La conferencia del Onze de Setembre recupera la figura de Elisabet Cristina, esposa de Carlos III

Los ingleses habrían hecho varias películas o series televisivas sobre el personaje de Elisabet Cristina de Brunswick-Wolfenbüttel, la protagonista de la conferencia del Onze de Setembre que ayer pronunció en el Saló de Cent la historiadora Virginia León, una de las grandes especialistas españolas sobre la Guerra de Sucesión.

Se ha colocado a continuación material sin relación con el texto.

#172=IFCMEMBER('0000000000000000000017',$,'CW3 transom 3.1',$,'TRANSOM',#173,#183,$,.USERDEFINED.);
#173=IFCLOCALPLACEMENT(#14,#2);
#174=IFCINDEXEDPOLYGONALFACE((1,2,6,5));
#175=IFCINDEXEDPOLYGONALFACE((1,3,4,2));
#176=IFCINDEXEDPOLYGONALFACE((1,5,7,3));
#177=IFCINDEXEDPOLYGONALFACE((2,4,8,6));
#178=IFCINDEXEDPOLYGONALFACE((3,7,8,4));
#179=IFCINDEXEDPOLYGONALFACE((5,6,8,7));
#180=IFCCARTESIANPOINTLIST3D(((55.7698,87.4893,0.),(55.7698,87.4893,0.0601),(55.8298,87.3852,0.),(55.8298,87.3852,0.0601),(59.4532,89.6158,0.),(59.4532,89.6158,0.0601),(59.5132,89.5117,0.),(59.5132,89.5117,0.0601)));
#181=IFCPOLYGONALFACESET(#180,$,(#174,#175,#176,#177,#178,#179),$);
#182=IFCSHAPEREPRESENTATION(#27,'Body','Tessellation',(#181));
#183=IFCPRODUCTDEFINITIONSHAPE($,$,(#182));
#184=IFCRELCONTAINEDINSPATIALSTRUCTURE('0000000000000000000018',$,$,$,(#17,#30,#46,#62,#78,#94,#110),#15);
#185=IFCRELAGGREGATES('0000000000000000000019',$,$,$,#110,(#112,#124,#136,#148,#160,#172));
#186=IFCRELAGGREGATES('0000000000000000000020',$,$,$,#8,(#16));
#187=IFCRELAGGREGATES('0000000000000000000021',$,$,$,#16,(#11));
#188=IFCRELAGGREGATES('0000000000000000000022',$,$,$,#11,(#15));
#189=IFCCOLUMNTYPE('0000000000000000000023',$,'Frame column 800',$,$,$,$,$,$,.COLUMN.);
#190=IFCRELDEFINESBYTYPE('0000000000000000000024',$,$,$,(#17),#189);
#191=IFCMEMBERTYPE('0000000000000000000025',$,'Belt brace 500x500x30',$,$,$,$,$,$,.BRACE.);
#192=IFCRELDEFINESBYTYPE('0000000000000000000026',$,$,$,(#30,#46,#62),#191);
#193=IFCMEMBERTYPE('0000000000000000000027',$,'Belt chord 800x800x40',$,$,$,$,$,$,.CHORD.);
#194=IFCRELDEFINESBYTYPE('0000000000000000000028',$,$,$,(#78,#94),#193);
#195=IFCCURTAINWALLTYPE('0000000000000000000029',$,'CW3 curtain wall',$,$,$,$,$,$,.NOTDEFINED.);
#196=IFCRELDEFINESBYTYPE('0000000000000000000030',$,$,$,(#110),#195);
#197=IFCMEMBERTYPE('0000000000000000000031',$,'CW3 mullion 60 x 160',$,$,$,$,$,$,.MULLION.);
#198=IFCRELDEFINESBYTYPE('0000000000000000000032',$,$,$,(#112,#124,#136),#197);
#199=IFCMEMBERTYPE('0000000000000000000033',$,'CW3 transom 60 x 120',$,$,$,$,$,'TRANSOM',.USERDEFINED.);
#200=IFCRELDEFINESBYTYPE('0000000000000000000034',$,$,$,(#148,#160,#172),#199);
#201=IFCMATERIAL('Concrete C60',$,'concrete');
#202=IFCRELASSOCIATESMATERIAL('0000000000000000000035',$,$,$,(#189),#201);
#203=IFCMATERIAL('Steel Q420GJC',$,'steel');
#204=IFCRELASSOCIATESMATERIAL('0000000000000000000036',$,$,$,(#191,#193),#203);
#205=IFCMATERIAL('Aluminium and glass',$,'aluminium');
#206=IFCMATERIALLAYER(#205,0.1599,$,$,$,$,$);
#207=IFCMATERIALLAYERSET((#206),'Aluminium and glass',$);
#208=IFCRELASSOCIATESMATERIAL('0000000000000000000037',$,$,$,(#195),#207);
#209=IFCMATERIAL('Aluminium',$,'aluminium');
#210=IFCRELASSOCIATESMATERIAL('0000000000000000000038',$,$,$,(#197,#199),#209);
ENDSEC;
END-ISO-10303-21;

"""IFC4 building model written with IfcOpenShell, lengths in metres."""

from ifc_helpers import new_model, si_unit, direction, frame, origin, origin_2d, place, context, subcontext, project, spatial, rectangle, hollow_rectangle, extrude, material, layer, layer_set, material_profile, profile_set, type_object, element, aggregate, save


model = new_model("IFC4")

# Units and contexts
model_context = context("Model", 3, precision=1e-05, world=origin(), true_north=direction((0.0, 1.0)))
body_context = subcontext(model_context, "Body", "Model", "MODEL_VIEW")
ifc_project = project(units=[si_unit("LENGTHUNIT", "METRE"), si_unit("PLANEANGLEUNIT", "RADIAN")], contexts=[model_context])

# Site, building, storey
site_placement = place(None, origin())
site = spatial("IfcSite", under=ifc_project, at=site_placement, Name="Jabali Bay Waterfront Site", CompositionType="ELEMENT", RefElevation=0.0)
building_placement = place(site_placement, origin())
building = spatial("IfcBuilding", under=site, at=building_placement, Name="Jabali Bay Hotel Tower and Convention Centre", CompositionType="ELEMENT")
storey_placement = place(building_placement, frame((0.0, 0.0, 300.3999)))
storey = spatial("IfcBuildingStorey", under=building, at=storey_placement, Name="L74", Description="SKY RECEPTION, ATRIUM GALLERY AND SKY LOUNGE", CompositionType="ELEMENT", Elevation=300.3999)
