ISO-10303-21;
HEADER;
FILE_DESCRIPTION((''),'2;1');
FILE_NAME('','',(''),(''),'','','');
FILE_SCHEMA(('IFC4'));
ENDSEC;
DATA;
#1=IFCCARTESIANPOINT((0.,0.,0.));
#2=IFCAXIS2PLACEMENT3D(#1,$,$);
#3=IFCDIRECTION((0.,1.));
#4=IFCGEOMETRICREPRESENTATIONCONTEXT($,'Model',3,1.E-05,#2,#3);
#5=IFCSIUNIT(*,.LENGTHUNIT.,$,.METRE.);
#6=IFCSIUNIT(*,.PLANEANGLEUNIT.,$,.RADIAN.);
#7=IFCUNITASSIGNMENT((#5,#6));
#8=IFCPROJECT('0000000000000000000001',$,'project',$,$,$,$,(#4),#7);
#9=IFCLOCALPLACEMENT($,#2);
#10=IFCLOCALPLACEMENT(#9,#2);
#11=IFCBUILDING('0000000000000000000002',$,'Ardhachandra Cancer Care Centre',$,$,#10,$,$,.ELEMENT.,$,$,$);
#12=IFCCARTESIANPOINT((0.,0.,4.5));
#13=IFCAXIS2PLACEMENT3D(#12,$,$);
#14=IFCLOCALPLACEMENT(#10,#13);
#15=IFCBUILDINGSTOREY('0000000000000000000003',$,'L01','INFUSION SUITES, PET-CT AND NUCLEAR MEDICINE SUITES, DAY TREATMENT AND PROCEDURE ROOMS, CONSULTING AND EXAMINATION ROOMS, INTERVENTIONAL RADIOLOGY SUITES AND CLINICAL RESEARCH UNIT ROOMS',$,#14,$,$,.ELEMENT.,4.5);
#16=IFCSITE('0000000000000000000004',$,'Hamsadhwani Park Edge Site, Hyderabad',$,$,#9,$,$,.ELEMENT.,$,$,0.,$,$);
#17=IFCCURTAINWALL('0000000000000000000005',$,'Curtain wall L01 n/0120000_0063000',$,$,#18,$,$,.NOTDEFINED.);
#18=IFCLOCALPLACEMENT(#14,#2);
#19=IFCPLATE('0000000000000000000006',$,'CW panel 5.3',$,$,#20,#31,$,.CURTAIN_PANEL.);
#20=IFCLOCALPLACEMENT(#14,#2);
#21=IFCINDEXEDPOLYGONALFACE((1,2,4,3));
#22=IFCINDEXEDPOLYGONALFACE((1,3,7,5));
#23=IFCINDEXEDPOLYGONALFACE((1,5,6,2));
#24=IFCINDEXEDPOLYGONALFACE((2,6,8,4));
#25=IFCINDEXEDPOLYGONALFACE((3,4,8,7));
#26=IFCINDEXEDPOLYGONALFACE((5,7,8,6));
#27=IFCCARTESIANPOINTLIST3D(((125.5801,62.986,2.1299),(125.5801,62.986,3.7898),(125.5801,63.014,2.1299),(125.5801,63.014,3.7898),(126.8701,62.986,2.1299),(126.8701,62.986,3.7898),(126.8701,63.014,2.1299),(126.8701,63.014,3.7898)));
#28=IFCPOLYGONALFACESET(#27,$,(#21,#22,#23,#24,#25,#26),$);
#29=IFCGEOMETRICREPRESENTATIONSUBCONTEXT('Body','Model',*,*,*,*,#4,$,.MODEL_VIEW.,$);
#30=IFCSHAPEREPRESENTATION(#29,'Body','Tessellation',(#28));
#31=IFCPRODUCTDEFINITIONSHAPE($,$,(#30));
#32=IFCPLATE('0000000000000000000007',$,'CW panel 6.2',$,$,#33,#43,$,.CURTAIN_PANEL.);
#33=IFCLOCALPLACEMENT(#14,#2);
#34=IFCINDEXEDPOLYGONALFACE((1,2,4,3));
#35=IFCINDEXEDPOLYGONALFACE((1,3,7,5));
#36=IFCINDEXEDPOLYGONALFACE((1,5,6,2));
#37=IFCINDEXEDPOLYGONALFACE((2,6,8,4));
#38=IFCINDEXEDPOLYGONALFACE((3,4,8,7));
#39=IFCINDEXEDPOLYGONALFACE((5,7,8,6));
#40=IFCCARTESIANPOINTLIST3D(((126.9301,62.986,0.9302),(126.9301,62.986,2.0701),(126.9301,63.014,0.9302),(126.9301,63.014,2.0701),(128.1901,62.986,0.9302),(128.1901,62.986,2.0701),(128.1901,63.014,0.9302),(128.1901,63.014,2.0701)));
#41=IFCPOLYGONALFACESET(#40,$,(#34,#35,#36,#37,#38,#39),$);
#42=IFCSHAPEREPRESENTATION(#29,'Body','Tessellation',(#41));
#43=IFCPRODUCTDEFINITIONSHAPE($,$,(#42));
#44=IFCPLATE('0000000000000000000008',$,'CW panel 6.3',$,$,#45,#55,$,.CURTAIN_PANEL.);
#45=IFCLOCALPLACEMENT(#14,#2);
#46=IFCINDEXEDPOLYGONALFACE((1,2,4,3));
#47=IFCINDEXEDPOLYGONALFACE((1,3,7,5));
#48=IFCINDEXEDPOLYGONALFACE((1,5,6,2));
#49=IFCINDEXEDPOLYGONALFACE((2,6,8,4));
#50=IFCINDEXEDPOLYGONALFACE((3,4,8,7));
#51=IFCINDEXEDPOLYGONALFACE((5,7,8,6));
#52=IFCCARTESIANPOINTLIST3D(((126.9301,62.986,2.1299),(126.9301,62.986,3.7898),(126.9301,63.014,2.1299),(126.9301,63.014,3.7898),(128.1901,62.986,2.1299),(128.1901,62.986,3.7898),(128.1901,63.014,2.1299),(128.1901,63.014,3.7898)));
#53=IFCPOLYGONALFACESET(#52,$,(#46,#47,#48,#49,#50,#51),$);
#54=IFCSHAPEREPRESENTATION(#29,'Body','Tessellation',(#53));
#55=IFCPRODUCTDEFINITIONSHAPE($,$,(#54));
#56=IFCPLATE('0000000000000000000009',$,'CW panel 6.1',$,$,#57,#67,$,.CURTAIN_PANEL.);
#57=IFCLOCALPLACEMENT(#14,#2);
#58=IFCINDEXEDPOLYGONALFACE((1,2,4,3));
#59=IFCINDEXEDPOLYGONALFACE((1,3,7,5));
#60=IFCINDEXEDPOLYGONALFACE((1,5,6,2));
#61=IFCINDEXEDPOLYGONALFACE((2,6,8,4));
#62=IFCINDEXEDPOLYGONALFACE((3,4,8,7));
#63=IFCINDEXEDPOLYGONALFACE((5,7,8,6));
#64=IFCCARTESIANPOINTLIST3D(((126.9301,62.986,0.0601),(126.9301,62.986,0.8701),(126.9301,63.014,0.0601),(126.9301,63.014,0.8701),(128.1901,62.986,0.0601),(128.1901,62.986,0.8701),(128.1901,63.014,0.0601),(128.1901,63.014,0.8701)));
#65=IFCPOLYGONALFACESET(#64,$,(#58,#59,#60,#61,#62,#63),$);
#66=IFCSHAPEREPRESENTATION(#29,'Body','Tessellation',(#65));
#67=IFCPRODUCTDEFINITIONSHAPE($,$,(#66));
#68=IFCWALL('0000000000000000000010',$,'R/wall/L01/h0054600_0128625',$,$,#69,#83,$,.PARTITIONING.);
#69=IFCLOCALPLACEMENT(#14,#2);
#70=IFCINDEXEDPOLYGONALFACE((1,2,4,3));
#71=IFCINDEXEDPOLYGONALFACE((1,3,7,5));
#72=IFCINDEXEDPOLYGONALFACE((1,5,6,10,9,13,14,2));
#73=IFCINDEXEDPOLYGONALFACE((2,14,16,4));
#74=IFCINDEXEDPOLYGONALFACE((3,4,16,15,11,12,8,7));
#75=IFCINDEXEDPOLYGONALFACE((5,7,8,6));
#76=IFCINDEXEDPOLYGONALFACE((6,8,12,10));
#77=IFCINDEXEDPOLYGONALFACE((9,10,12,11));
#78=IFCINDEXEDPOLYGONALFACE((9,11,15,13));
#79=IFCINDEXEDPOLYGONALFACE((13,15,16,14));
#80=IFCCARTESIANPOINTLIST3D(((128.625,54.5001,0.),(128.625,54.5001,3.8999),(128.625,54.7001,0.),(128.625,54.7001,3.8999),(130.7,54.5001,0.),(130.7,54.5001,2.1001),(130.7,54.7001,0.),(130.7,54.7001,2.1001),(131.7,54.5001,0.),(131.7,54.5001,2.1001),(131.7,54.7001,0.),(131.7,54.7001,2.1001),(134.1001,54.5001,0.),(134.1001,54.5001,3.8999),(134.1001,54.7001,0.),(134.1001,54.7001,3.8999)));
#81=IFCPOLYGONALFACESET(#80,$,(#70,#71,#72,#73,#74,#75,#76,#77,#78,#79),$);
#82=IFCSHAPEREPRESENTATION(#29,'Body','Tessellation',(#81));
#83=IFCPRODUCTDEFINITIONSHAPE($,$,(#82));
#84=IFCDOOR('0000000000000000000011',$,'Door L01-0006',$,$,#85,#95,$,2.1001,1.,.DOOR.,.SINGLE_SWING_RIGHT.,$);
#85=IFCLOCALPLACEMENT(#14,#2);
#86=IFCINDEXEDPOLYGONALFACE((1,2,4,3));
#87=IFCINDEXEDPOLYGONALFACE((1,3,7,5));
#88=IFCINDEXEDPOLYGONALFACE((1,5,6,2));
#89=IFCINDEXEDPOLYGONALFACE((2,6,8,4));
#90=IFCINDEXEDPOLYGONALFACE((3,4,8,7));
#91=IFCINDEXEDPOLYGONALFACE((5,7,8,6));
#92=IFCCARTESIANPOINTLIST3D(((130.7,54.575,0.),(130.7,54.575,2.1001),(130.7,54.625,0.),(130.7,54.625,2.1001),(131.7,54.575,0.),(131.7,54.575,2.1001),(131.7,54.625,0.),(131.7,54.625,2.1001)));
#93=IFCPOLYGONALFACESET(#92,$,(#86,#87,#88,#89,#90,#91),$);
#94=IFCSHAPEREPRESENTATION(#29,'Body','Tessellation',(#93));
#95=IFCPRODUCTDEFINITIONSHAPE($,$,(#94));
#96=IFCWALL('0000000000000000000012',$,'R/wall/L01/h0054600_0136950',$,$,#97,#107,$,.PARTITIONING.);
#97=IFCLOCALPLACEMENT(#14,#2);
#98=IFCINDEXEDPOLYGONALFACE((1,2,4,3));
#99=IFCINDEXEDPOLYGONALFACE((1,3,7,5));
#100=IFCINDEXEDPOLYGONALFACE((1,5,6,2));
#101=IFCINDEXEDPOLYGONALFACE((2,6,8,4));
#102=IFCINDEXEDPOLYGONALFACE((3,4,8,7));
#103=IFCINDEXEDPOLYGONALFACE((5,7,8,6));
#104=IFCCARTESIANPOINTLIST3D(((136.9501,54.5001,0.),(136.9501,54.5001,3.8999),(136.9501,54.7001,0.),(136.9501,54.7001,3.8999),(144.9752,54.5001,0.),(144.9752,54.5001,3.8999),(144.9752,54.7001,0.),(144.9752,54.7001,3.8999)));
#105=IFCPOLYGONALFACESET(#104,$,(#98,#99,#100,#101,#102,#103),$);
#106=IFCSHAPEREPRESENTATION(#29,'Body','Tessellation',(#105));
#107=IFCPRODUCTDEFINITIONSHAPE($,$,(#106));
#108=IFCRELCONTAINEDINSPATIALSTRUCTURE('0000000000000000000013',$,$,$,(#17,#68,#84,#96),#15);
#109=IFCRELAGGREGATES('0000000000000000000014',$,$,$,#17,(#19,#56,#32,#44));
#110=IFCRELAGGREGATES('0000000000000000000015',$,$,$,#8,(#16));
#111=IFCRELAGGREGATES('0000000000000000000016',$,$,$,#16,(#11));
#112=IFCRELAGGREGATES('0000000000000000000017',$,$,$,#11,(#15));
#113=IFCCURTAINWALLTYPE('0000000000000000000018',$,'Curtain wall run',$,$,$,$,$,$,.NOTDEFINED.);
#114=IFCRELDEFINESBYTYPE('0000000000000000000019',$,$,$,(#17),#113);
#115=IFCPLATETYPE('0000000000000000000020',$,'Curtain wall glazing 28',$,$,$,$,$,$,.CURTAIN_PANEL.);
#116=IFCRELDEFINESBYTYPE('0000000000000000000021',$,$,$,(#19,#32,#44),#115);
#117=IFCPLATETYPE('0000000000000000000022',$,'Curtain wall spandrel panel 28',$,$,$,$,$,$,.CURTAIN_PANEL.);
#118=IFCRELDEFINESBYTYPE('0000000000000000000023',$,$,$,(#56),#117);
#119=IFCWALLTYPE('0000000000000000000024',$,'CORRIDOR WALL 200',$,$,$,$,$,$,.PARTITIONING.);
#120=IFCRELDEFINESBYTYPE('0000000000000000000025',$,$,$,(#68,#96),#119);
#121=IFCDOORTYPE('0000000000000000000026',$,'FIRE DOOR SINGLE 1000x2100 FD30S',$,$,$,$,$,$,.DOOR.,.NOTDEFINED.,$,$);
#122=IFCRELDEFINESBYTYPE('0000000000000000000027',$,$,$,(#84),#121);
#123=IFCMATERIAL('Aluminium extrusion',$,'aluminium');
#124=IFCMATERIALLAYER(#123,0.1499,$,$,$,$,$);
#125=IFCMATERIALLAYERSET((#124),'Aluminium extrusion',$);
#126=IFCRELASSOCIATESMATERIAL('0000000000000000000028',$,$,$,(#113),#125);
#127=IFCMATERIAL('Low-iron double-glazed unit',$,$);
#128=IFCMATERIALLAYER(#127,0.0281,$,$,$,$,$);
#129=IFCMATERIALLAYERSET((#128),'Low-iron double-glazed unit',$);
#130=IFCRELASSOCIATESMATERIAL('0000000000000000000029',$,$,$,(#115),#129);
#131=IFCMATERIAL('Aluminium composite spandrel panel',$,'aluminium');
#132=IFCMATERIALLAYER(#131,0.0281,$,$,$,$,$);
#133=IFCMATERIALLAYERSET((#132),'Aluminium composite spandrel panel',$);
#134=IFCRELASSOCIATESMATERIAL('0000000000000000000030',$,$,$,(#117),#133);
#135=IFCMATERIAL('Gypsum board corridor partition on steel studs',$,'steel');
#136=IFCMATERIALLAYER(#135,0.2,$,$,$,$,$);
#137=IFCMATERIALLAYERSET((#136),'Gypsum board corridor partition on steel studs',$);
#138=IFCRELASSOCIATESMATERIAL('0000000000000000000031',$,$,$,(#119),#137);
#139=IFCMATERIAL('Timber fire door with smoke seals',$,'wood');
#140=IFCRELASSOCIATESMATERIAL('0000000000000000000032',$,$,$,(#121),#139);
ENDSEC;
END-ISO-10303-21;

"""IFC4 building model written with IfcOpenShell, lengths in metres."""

from ifc_helpers import new_model, si_unit, direction, frame, frame_2d, origin, origin_2d, place, context, subcontext, project, spatial, rectangle, extrude, material, layer, layer_set, type_object, element, fill, aggregate, save


model = new_model("IFC4")

# Units and contexts
model_context = context("Model", 3, precision=1e-05, world=origin(), true_north=direction((0.0, 1.0)))
body_context = subcontext(model_context, "Body", "Model", "MODEL_VIEW")
ifc_project = project(units=[si_unit("LENGTHUNIT", "METRE"), si_unit("PLANEANGLEUNIT", "RADIAN")], contexts=[model_context])

# Site, building, storey
site_placement = place(None, origin())
site = spatial("IfcSite", under=ifc_project, at=site_placement, Name="Hamsadhwani Park Edge Site, Hyderabad", CompositionType="ELEMENT", RefElevation=0.0)
building_placement = place(site_placement, origin())
building = spatial("IfcBuilding", under=site, at=building_placement, Name="Ardhachandra Cancer Care Centre", CompositionType="ELEMENT")
storey_placement = place(building_placement, frame((0.0, 0.0, 4.5)))
storey = spatial("IfcBuildingStorey", under=building, at=storey_placement, Name="L01", Description="INFUSION SUITES, PET-CT AND NUCLEAR MEDICINE SUITES, DAY TREATMENT AND PROCEDURE ROOMS, CONSULTING AND EXAMINATION ROOMS, INTERVENTIONAL RADIOLOGY SUITES AND CLINICAL RESEARCH UNIT ROOMS", CompositionType="ELEMENT", Elevation=4.5)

La vida de esta princesa alemana tiene todos los ingredientes de una superproducción en la que cabría la sofisticada vida palaciega de las grandes cortes europeas del siglo XVIII, el conflicto religioso (nació protestante, pero se convirtió al catolicismo al casarse con el archiduque Carlos en 1708) y, sobre todo, la agitada vida política de una época en la que ella estuvo en el centro del huracán de la Guerra de Sucesión de la corona española, en la que se implicó toda Europa y que tuvo como una de sus grandes víctimas a Cataluña.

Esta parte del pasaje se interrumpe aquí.